HARKEN TO THE HORN: The Lompoc Concert Association brings award-winning trumpeter Brandon Ridenour for its season-opening concert on Oct. 14. Credit: PHOTO COURTESY OF LIVE ON STAGE

The Lompoc Concert Association (LCA) welcomes traveling musicians of high caliber to perform in Lompoc every year. The opening concert for the association’s new season will feature a skilled soloist—trumpeter Brandon Ridenour—performing live at Lompoc’s First United Methodist Church on Oct. 14.

Ridenour is a New York-based soloist who graduated from the Julliard School of Music. He arranges almost all of his music himself, Ridenour told the Sun, because of his interest in great music, whether it was written for the trumpet or not.

HARKEN TO THE HORN: The Lompoc Concert Association brings award-winning trumpeter Brandon Ridenour for its season-opening concert on Oct. 14. Credit: PHOTO COURTESY OF LIVE ON STAGE

“There’s a lot of piano music on the program, but adapted for trumpet,” Ridenour said. “We’ve got some Gershwin preludes, some Debussy preludes, some Ravel. I mainly want to play music by the greatest composers, but Gershwin and Debussy didn’t write trumpet solos, so my way around that is arranging them myself.”

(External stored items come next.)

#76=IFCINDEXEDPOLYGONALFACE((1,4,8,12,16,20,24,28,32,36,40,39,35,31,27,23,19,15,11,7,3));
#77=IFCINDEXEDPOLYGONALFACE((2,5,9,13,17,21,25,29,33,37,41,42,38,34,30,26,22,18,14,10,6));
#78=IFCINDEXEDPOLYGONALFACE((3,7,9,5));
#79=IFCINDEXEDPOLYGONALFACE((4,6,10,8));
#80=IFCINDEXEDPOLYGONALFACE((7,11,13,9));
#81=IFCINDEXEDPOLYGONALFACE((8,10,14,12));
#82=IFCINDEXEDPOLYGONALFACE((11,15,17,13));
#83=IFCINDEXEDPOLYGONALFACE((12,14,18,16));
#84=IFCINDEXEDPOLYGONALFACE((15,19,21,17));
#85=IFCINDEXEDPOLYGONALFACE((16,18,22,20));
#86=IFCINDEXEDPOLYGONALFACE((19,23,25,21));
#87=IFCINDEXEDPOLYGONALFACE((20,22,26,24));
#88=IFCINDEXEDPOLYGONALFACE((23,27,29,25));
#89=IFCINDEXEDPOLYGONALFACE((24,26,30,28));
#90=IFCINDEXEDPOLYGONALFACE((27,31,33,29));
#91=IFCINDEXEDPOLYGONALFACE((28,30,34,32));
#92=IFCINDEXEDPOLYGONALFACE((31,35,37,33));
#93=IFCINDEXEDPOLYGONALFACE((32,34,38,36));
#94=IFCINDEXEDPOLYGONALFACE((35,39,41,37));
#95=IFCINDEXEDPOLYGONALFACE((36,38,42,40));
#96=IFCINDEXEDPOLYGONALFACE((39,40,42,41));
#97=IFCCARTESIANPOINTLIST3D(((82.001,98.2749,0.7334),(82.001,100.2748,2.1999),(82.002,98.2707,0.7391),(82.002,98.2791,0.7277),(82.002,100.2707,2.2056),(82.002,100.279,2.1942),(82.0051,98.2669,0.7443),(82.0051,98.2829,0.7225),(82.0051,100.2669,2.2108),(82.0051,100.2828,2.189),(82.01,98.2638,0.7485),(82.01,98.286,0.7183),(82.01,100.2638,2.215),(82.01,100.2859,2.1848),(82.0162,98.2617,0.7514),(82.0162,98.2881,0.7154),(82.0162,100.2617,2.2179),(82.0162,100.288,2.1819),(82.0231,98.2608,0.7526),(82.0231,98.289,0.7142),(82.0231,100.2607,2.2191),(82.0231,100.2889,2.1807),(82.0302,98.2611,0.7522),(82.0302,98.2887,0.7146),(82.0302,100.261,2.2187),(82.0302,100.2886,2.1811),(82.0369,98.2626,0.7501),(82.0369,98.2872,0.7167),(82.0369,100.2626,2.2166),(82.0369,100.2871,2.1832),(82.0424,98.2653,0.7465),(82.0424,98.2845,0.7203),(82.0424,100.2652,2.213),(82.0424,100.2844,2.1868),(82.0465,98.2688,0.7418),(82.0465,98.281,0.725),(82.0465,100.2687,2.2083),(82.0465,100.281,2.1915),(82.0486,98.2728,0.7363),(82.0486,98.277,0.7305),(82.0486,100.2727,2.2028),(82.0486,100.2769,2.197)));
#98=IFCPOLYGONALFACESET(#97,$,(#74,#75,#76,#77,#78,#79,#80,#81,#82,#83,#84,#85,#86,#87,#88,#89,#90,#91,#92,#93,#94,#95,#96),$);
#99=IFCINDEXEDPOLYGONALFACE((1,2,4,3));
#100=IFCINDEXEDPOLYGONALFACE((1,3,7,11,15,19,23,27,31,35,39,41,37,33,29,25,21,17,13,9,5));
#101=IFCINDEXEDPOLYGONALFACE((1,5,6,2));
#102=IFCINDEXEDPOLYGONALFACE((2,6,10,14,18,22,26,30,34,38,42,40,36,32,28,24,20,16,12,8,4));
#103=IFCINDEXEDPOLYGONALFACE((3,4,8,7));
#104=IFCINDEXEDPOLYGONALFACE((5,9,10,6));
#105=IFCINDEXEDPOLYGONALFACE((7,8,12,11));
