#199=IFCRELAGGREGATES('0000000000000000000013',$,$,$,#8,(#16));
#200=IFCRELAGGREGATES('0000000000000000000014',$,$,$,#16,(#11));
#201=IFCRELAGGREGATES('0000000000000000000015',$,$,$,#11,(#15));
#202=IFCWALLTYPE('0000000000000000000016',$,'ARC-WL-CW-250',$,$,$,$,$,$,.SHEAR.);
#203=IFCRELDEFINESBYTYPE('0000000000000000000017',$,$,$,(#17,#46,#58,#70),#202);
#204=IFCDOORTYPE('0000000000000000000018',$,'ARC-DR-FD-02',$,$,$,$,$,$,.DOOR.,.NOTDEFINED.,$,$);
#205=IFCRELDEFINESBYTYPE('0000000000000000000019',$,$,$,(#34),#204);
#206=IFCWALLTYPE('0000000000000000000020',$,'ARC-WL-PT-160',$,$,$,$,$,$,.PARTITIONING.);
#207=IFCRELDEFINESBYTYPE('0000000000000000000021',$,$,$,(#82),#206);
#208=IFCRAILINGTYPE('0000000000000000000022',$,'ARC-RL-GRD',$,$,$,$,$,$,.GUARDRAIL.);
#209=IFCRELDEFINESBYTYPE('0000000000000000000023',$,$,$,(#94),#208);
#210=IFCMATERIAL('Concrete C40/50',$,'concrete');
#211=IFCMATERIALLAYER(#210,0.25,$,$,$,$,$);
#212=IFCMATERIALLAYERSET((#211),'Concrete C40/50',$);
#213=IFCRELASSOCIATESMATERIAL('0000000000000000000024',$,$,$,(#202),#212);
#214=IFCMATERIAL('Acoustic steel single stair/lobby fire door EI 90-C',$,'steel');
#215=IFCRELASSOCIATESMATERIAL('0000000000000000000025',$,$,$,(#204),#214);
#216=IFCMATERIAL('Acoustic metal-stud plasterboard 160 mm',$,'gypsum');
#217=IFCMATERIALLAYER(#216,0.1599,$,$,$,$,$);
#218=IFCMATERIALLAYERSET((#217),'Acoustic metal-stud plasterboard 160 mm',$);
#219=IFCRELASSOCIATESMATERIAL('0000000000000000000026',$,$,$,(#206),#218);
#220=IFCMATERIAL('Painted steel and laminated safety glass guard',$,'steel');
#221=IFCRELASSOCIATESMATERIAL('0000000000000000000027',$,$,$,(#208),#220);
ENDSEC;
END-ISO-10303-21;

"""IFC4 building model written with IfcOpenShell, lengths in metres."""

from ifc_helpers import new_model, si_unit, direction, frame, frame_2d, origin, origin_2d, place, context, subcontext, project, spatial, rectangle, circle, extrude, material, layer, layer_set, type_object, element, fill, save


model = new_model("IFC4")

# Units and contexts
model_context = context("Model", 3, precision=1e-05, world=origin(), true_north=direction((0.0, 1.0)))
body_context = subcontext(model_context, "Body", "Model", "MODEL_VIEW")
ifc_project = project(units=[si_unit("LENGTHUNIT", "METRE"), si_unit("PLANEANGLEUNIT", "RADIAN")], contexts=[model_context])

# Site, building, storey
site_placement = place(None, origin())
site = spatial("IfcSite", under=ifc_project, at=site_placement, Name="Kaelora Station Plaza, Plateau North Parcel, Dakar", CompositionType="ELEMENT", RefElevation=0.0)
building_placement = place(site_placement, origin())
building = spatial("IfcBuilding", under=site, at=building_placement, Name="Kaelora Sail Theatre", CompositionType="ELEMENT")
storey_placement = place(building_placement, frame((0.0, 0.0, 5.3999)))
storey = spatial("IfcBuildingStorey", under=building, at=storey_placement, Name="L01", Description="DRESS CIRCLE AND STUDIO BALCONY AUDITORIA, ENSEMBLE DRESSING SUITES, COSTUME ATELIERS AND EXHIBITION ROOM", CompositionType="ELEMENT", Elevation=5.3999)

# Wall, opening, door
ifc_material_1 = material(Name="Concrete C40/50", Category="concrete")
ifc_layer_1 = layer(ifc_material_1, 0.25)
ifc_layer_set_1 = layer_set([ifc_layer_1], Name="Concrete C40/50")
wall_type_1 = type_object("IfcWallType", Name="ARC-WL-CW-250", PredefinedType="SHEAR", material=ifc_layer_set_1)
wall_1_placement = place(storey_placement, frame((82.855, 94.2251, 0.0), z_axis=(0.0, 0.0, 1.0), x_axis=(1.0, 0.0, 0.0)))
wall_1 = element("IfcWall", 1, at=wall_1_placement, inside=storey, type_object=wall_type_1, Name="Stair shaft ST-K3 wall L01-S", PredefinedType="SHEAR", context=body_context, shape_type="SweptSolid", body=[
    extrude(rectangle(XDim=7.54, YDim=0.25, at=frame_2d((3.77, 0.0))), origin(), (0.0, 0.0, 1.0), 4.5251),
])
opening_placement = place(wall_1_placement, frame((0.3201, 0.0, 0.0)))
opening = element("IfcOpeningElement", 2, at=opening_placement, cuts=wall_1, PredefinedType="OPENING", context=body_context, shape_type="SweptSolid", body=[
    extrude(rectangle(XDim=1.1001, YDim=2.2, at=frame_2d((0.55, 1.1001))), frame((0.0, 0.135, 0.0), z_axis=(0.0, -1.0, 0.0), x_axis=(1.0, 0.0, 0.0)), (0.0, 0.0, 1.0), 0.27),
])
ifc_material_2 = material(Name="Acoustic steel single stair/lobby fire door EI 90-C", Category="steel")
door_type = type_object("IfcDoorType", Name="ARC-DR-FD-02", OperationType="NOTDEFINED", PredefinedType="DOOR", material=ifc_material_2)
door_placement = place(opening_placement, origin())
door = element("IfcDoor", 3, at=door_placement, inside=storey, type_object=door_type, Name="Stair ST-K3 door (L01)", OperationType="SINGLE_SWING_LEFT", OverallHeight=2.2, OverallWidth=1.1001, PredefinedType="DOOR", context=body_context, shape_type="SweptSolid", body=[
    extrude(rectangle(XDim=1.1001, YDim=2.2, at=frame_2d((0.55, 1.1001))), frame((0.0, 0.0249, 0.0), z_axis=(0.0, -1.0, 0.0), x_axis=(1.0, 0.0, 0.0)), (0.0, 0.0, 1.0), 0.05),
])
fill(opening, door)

Ridenour began his music education on the piano, he explained, when his father taught him to play at a young age. 

When it came time to choose an instrument for band in school, he didn’t really get a choice, Ridenour said. He had his dad to thank for that again.

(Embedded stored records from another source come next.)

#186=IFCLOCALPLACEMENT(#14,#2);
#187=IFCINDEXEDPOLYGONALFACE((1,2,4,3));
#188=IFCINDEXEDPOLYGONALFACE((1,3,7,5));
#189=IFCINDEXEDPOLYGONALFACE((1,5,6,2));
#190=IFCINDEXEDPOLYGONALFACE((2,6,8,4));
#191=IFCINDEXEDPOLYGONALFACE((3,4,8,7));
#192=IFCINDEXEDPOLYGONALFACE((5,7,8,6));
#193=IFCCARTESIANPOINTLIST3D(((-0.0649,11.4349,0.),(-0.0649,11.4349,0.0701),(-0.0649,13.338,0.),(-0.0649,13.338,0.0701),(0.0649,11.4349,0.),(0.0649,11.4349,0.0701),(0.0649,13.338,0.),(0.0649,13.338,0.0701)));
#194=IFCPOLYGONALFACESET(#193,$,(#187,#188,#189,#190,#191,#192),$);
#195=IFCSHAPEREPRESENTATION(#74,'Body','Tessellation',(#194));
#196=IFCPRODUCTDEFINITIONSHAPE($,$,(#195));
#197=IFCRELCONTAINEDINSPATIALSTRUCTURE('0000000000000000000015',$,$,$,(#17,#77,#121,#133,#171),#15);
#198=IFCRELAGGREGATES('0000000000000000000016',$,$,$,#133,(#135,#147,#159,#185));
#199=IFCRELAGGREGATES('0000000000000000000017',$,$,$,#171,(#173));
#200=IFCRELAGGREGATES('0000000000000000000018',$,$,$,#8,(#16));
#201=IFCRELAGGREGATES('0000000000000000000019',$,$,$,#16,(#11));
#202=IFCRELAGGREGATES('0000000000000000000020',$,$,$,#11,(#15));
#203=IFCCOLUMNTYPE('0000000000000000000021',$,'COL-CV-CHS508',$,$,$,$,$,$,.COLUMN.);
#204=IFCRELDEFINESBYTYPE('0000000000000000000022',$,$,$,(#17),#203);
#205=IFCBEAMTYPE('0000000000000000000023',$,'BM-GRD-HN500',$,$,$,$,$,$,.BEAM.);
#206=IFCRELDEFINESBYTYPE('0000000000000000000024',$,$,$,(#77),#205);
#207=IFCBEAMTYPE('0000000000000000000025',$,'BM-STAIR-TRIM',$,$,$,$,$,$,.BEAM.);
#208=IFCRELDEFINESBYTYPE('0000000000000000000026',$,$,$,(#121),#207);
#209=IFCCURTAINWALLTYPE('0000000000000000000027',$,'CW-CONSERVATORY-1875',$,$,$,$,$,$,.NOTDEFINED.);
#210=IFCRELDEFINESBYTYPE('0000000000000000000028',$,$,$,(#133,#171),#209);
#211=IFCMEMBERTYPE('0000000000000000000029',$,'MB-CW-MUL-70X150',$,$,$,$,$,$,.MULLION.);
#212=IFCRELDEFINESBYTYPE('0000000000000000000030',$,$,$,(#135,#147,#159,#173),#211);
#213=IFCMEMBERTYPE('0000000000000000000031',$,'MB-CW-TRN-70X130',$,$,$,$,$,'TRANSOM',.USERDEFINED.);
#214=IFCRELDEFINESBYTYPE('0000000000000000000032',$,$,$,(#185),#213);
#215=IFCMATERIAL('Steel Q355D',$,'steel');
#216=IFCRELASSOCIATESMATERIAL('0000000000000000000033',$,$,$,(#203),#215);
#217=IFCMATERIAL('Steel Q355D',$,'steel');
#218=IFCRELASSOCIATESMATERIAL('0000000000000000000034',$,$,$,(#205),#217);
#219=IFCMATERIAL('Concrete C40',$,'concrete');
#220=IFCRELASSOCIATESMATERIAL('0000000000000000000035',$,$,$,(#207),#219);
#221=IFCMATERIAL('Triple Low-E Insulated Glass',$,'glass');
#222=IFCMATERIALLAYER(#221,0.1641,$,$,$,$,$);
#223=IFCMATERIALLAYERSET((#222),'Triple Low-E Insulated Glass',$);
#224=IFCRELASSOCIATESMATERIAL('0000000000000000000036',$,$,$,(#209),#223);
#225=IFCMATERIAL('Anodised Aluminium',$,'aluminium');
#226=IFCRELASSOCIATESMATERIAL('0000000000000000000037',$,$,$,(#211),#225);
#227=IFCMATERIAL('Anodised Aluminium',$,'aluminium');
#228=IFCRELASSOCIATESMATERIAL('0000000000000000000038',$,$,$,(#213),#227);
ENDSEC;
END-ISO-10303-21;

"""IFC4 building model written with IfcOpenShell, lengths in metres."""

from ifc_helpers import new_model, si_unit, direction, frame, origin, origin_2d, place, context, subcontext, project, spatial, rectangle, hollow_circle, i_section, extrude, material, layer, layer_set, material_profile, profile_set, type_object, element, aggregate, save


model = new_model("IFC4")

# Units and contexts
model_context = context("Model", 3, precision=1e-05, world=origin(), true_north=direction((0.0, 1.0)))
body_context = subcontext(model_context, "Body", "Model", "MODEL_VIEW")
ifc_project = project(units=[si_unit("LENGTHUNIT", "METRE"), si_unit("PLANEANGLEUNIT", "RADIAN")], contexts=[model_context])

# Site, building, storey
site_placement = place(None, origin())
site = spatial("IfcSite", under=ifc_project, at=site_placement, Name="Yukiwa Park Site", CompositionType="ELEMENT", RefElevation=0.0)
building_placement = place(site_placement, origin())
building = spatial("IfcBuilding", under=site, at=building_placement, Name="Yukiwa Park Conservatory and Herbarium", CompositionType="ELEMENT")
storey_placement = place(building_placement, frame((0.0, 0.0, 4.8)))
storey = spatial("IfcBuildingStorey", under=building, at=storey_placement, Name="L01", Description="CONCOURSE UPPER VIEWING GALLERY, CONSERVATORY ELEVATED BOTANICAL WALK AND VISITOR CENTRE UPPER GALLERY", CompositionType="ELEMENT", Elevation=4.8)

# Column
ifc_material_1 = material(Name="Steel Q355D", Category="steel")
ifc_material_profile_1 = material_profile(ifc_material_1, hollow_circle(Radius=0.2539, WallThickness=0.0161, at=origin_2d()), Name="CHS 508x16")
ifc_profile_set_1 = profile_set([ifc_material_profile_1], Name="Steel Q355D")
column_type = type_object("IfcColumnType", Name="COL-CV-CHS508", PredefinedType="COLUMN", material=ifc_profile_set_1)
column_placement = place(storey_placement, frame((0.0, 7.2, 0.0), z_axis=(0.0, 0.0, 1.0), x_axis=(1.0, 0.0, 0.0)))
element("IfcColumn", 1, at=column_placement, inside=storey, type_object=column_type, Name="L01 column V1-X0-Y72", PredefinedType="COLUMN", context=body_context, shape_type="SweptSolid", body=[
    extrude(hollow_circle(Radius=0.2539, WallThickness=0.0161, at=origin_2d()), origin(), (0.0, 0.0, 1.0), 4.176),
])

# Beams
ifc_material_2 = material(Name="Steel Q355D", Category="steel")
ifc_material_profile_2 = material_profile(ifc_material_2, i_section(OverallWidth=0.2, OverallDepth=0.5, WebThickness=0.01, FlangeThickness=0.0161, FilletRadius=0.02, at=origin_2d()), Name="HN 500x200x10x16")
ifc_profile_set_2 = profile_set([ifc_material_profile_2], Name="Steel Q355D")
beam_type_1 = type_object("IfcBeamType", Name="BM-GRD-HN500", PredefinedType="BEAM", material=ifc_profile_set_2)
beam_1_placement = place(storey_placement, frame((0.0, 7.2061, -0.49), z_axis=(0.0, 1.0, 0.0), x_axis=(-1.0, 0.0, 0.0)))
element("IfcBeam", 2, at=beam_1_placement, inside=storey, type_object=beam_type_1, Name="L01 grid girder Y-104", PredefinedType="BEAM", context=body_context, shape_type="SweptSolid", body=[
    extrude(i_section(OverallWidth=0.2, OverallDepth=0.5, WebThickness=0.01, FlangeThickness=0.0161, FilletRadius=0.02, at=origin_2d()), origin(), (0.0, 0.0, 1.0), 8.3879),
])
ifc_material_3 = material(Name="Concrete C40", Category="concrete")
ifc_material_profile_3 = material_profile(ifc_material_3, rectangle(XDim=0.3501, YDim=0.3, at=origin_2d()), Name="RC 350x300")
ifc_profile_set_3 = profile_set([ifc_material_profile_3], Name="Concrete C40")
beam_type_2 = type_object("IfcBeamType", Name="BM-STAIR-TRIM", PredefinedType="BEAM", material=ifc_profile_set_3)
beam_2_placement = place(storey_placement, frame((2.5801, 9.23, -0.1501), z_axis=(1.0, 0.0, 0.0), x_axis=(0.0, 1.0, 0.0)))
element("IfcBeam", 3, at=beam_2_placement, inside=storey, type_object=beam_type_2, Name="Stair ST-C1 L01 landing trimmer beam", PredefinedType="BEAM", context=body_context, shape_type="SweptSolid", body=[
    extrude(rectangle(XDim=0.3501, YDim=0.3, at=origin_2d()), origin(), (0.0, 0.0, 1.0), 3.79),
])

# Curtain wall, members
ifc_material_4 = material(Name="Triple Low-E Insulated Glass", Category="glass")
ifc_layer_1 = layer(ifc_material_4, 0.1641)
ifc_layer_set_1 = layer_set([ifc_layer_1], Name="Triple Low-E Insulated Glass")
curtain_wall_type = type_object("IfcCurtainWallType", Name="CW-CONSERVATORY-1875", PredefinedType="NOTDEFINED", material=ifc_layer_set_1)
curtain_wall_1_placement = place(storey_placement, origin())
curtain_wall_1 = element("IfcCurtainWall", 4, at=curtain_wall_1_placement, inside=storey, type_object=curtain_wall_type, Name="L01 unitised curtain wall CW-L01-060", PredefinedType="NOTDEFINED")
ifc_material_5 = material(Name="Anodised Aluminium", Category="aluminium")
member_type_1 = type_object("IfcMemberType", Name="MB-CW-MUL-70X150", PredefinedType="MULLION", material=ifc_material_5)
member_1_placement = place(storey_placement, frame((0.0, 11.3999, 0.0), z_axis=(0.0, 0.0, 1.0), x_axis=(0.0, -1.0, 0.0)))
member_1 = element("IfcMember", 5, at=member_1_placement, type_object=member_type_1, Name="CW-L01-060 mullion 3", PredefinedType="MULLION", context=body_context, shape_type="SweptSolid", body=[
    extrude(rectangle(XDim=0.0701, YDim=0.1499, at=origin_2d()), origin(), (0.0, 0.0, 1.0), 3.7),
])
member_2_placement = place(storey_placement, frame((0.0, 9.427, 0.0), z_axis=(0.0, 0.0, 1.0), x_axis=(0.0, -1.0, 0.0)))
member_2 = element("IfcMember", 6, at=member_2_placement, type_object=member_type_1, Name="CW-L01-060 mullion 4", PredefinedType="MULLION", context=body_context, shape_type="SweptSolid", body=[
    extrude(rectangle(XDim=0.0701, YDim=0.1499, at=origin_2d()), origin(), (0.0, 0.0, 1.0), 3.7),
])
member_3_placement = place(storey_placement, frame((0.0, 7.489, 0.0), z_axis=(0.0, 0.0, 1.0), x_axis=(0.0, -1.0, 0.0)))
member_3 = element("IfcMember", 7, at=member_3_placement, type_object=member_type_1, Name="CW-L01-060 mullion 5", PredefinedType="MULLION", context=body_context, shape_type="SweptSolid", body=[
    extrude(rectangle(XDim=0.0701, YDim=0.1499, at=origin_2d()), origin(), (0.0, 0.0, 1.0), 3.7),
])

“The trumpet did choose me, I didn’t really choose it,” he said. “It was waiting for me in the basement because my dad had played it when he was in grade school.”

But where his dad found a voice on the piano, Ridenour found his voice with the trumpet. He gained quite the proficiency in classical music, specializing in it at Julliard. But he felt the inescapable pull of jazz, a style almost epitomized by the trumpet.

He became obsessed with players like Louie Armstrong and Miles Davis and their distinct voices, which are totally different even though they play the same instrument. The jazz influence comes through, he said, even on classical pieces, which he arranges to include an “extra spice.”

“These sounds and different styles of music are ever changing, and as a performer you are trying to best communicate that to the audience,” he said. “The more you can understand these pieces and understand yourself and be comfortable enough with your voice, the better you become at relating these ideas, these melodies, to your audiences.”

CATCH THE CONCERT: The Lompoc Concert Association presents its season opener concert featuring Brandon Ridenour on trumpet with pianist Yoonie Han accompanying on Oct. 14 at 7:30 p.m. at the First United Methodist Church, 925 North F St., Lompoc. More info: 588-5971 or

With his experience in piano, and his careful arrangements of these masterful pieces, Ridenour requires a seriously skilled accompanist. He’s bringing along pianist Yoonie Han for the concert.

Han is another Julliard graduate who plays Ridenour’s arrangements, which he said are very involved.

“She is a really great soloist and chamber musician on her own,” Ridenour said. “She’s plenty busy with her own life, I can’t believe she’s on the road with me.”

Ridenour also said he would bring along a piccolo trumpet and flugelhorn to the Lompoc Concert Association show. They give him choices in the kind of sound he can create, but it’s all his unique voice.

“I still think that the voice and the mind is stronger than the actual physical instrument you’re playing on,” he said. “Louie’s [Armstrong] voice, both his trumpet and vocal voice, was so strong that it didn’t matter what trumpet he was playing on, he was still going to have that vibrato and have that approach and sound.”